Car Bellecombe-en-Bauges n’est malheureusement pas le seul cas. Un peu plus haut, dans la combe sauvage du Charbon, une autre piste du genre saigne la pelouse alpine. Pétitions et autres résistances n’y ont pas suffi.

Que diraient les parents et grands-parents en voyant ces terres maltraitées ? A cela, élus locaux et alpagistes répondent souvent : « Faut vivre avec son temps. »
D’accord, allons-y. Lâchons-nous. Un jour ces pistes seront goudronnées – cela a d’ailleurs été demandé il y a quelques années par des alpagistes des Bauges -, et puis l’on érigera un parking pour les touristes, et puis l’on bâtira des infrastructures pour les recevoir. Continuons de bétonner les montagnes, construisons des villes sur les cimes, assoiffons les sources et les torrents déjà siphonnés jusqu’à l’usure par les canons à neige. Des villages manquent d’eau en fin d’hiver. Peu importe, tirons encore plus sur la corde et les Alpes, en l’occurrence la Haute-Savoie, deviendront un lunapark pour privilégiés. Poursuivons la destruction des campagnes, urbanisons à qui mieux mieux, traçons, ouvrons, coupons, brisons !

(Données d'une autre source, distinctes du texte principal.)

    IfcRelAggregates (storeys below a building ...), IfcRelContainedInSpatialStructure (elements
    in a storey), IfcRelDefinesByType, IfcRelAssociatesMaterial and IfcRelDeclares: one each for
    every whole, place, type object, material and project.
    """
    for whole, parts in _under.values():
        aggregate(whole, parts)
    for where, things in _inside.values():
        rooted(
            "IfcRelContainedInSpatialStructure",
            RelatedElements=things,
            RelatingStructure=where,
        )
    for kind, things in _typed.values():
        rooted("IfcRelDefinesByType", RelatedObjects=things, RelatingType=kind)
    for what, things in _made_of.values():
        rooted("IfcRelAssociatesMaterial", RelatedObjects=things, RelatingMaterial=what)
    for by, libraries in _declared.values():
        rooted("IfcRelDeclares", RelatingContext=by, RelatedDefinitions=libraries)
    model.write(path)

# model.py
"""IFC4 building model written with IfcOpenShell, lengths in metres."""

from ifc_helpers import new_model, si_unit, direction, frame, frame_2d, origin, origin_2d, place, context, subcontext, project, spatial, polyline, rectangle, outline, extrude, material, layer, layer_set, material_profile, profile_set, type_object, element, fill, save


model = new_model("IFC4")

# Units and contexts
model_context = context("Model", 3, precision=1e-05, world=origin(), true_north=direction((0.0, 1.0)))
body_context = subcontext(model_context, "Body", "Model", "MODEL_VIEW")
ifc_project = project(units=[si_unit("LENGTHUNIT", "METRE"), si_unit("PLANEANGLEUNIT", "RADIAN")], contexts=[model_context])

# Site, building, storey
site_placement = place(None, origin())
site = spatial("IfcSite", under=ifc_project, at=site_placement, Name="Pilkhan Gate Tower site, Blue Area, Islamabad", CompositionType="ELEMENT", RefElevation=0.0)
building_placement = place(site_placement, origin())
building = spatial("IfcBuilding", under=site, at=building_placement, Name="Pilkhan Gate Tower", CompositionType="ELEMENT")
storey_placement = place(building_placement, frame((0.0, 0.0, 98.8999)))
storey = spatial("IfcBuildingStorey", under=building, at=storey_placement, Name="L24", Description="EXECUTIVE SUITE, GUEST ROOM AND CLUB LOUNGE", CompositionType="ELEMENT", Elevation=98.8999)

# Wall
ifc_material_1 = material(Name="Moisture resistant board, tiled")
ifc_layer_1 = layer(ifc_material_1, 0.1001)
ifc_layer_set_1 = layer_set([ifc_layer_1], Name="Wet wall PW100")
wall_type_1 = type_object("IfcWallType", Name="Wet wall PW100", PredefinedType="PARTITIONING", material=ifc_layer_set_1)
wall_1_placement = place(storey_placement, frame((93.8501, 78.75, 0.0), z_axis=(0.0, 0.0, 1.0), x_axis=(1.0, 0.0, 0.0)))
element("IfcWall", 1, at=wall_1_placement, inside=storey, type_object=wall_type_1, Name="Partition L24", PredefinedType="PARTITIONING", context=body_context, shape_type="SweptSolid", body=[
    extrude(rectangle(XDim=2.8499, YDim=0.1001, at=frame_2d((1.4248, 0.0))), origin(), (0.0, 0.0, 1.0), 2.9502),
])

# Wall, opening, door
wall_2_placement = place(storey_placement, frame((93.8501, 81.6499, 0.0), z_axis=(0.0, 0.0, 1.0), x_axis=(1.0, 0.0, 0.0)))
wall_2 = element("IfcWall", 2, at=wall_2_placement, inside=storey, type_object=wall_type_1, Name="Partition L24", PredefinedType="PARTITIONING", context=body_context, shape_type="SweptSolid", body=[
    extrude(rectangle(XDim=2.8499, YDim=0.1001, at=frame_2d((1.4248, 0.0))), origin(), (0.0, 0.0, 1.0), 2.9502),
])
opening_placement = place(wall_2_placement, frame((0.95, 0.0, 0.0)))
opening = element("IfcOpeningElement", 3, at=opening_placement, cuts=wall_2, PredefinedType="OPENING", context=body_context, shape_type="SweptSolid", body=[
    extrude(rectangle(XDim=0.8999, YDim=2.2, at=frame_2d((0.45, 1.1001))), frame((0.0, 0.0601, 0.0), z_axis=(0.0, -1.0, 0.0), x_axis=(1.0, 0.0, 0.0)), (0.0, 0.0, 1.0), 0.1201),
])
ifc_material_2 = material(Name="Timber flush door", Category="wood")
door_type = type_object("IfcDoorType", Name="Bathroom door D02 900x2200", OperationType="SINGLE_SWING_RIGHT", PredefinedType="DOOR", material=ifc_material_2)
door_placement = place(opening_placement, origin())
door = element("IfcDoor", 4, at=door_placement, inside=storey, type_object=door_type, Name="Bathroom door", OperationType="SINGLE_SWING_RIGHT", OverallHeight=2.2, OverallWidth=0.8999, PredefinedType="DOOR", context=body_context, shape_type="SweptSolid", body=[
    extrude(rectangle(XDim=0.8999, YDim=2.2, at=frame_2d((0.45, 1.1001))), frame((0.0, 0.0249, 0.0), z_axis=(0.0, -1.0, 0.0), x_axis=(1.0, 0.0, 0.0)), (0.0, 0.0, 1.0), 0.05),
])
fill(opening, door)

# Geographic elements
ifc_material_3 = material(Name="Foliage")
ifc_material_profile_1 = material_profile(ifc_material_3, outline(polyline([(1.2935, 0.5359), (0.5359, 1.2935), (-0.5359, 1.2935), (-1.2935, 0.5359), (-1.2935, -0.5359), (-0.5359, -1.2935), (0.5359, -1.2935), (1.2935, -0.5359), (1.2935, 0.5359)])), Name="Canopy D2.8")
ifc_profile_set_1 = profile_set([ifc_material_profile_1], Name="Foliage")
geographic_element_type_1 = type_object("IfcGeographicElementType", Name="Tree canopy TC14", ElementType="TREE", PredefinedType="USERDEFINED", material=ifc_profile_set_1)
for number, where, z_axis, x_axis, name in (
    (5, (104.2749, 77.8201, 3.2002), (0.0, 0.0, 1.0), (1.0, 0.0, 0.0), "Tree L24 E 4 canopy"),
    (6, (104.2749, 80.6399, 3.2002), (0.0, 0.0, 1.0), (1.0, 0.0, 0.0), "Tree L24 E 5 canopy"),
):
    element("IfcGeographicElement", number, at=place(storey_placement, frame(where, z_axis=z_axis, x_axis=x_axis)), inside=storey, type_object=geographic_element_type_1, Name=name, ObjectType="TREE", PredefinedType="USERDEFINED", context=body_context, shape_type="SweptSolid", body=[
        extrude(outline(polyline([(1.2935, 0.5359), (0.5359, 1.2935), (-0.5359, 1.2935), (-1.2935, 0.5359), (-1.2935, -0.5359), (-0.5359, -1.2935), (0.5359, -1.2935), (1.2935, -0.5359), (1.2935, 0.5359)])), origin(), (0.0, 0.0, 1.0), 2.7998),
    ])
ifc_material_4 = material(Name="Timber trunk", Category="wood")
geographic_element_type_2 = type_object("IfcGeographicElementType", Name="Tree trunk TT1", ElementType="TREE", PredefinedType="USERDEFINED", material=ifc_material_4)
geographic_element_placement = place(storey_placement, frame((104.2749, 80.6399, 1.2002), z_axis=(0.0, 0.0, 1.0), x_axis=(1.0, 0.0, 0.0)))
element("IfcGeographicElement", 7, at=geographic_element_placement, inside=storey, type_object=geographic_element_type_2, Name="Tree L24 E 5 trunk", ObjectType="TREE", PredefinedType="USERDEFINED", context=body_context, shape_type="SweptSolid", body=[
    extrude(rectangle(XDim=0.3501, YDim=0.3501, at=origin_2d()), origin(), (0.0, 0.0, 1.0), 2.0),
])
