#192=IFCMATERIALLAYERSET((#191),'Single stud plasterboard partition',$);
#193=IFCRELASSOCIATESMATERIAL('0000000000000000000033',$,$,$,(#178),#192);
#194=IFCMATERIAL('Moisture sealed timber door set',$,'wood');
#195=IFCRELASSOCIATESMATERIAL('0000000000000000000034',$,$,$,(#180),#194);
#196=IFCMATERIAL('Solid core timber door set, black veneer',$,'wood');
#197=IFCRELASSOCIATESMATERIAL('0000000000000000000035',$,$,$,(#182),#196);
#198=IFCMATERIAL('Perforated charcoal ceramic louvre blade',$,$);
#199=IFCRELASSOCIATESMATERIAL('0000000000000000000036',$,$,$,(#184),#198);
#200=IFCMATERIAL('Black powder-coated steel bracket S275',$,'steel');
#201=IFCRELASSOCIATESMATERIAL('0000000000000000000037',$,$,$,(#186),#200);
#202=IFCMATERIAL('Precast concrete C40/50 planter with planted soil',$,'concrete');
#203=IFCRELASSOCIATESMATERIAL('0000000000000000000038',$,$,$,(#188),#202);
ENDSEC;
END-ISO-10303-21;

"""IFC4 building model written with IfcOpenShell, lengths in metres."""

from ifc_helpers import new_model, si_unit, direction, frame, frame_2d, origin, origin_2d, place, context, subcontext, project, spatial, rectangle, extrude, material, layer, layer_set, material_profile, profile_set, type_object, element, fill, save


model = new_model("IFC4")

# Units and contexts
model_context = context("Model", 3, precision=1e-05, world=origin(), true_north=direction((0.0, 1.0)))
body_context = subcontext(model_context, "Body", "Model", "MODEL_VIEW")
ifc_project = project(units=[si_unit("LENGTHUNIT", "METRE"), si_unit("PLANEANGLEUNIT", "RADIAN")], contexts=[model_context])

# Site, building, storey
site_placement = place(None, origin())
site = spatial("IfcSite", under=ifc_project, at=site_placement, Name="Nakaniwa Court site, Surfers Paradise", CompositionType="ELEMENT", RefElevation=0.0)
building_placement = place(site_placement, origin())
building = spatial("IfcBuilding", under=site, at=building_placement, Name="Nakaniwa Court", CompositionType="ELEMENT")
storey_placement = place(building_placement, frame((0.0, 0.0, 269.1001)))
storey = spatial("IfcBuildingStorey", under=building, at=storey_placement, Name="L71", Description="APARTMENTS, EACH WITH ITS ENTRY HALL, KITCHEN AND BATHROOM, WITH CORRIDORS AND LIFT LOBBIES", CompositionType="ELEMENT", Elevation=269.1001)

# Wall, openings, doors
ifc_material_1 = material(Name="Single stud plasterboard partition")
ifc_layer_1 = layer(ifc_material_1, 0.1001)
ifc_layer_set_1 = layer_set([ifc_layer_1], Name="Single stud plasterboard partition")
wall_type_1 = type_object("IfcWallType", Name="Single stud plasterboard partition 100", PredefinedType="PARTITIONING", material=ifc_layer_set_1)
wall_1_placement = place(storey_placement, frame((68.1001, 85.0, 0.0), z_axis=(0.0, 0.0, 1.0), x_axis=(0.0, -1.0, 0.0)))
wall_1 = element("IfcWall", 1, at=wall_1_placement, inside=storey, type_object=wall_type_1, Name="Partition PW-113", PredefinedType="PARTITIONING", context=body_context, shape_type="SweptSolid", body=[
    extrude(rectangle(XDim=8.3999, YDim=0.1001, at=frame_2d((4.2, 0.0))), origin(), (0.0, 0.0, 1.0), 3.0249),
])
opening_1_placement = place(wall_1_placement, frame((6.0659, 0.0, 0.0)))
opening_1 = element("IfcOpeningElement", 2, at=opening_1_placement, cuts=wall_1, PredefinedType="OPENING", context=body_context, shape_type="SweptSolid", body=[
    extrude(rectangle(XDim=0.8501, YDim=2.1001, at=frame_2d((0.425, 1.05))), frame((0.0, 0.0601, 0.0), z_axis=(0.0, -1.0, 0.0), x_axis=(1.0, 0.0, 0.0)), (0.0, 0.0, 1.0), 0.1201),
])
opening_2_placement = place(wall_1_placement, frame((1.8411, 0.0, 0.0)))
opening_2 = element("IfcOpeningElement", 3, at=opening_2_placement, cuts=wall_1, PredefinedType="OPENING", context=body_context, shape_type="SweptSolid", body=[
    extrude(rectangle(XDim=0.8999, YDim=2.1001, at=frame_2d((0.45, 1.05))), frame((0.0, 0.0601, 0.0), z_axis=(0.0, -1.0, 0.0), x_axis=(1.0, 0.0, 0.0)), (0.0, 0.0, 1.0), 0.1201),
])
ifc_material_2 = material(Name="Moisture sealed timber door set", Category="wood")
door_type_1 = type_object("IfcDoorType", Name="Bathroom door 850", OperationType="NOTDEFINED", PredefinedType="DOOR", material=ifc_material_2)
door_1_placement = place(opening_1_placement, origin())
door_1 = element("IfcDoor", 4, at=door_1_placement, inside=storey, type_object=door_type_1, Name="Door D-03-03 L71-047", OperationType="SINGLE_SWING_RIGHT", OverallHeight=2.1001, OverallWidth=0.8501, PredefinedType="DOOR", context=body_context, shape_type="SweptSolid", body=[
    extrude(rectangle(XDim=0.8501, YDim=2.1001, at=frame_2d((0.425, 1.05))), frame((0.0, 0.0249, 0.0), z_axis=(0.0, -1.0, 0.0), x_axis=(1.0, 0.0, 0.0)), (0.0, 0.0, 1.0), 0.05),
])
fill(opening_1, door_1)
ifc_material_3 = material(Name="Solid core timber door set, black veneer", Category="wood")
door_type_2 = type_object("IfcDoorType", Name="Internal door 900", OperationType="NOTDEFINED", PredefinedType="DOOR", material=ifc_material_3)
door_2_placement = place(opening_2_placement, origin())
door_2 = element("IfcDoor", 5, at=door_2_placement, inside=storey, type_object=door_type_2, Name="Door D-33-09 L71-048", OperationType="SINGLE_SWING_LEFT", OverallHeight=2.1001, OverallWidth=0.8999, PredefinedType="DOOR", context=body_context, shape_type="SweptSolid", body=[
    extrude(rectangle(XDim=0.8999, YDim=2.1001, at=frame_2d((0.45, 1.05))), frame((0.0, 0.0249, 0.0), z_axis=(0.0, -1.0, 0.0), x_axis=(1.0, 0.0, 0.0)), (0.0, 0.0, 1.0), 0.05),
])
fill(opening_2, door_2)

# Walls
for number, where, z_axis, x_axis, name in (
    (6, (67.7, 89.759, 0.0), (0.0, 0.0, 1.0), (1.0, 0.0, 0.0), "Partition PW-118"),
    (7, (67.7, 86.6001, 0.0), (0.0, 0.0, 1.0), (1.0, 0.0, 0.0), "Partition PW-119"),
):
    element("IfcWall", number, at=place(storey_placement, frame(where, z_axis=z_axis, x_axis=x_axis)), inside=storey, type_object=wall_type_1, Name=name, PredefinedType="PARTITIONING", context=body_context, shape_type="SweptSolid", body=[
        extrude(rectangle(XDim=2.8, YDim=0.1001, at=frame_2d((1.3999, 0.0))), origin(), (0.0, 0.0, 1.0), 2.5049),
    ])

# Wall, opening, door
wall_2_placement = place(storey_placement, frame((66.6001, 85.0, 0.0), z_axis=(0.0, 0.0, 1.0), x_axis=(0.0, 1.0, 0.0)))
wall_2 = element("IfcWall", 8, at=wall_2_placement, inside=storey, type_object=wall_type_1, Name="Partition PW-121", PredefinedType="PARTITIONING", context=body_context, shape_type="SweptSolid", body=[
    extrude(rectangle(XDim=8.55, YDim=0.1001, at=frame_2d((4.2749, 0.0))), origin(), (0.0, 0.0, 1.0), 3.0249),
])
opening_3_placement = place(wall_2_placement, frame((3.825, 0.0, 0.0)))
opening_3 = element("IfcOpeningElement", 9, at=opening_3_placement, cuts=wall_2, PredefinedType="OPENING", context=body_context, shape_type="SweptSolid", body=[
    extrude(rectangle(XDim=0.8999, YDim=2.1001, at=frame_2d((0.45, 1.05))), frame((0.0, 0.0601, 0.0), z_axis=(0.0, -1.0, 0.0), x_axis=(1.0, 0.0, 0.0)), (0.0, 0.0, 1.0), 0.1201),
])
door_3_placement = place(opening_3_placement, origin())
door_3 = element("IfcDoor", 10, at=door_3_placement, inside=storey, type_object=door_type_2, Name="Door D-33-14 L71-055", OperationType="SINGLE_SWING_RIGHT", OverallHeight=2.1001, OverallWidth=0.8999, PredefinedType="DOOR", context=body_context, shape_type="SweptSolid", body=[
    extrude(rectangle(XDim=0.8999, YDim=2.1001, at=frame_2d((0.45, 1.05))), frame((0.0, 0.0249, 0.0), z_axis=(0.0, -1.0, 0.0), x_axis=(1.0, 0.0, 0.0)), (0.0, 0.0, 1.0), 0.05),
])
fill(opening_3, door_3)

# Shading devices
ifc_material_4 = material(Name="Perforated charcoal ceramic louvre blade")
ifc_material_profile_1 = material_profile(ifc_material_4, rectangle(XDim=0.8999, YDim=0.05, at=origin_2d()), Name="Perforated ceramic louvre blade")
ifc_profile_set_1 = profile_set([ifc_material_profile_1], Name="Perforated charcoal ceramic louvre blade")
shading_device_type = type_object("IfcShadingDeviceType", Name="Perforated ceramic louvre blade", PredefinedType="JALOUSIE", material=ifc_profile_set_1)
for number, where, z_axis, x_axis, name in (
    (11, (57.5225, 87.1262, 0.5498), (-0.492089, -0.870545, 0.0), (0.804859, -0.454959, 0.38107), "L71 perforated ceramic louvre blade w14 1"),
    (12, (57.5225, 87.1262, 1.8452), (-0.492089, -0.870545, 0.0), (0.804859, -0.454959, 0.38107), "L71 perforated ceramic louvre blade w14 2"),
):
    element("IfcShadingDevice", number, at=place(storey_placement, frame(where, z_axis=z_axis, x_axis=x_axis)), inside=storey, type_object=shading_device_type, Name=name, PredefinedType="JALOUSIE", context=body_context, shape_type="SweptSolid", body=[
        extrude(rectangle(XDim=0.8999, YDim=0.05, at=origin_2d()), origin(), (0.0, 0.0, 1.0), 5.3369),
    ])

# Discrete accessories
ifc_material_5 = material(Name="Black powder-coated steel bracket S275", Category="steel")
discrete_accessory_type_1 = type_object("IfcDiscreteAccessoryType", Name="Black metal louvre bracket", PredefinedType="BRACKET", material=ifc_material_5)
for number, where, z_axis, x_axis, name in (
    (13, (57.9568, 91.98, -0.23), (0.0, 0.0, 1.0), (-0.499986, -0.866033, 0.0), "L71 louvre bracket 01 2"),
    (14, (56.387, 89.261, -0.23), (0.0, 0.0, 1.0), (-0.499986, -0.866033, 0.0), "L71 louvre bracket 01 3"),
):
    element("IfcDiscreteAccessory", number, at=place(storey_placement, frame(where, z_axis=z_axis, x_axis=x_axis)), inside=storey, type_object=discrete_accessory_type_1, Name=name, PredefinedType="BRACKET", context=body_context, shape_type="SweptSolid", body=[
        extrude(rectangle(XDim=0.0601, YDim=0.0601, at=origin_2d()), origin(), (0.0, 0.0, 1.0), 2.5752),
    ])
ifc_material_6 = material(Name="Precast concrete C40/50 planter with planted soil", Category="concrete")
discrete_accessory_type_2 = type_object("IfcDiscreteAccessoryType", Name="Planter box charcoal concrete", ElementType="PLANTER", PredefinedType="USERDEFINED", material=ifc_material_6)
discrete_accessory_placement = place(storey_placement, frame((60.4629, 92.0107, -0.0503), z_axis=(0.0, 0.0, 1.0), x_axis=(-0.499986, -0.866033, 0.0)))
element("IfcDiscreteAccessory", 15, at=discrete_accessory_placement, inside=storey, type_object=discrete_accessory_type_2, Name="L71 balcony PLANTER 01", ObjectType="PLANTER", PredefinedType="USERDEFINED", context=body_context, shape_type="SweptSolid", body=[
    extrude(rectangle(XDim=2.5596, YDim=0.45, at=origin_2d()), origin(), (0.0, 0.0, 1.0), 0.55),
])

Il dépend de nous tous, élus et non élus que ce monde survive

Il est déjà bien atteint et tente de ne pas succomber à ces blessures. Il essaie d’émerger des pollutions qu’on lui inflige par la volonté  d’inonder ses vallées par les voitures. Et même quand on monte un peu plus haut pour s’évader de ce cloaque, on subit les affres de l’envahissement cupide.
Toute cette gabegie alimente le changement climatique. Tout le monde s’en fout ! La preuve, élections présidentielles obligent, les deux candidats restant en lice ne disent piètre mot de la situation alarmante et catastrophique du climat. Nous sommes en sécheresse et tout le monde ferme les yeux. Nous sommes déjà dans le mur et ouvrir des pistes, abattre des pentes, ne fait qu’aggraver la collision avec le mur.
Sans doute les citoyens se complaisent-ils dans cet environnement qui se dégrade insidieusement, par petites touches. Ils se plaisent sans réaction ostentatoire à la détérioration des paysages, et empruntent sans frémir ces pistes qui fleurissent, ou bénéficient des canons à neige qui se dressent sur leur passage sans réagir. Au contraire, ils en profitent sans réfléchir.


Les citoyens sont-ils amoureux de leurs montagnes ?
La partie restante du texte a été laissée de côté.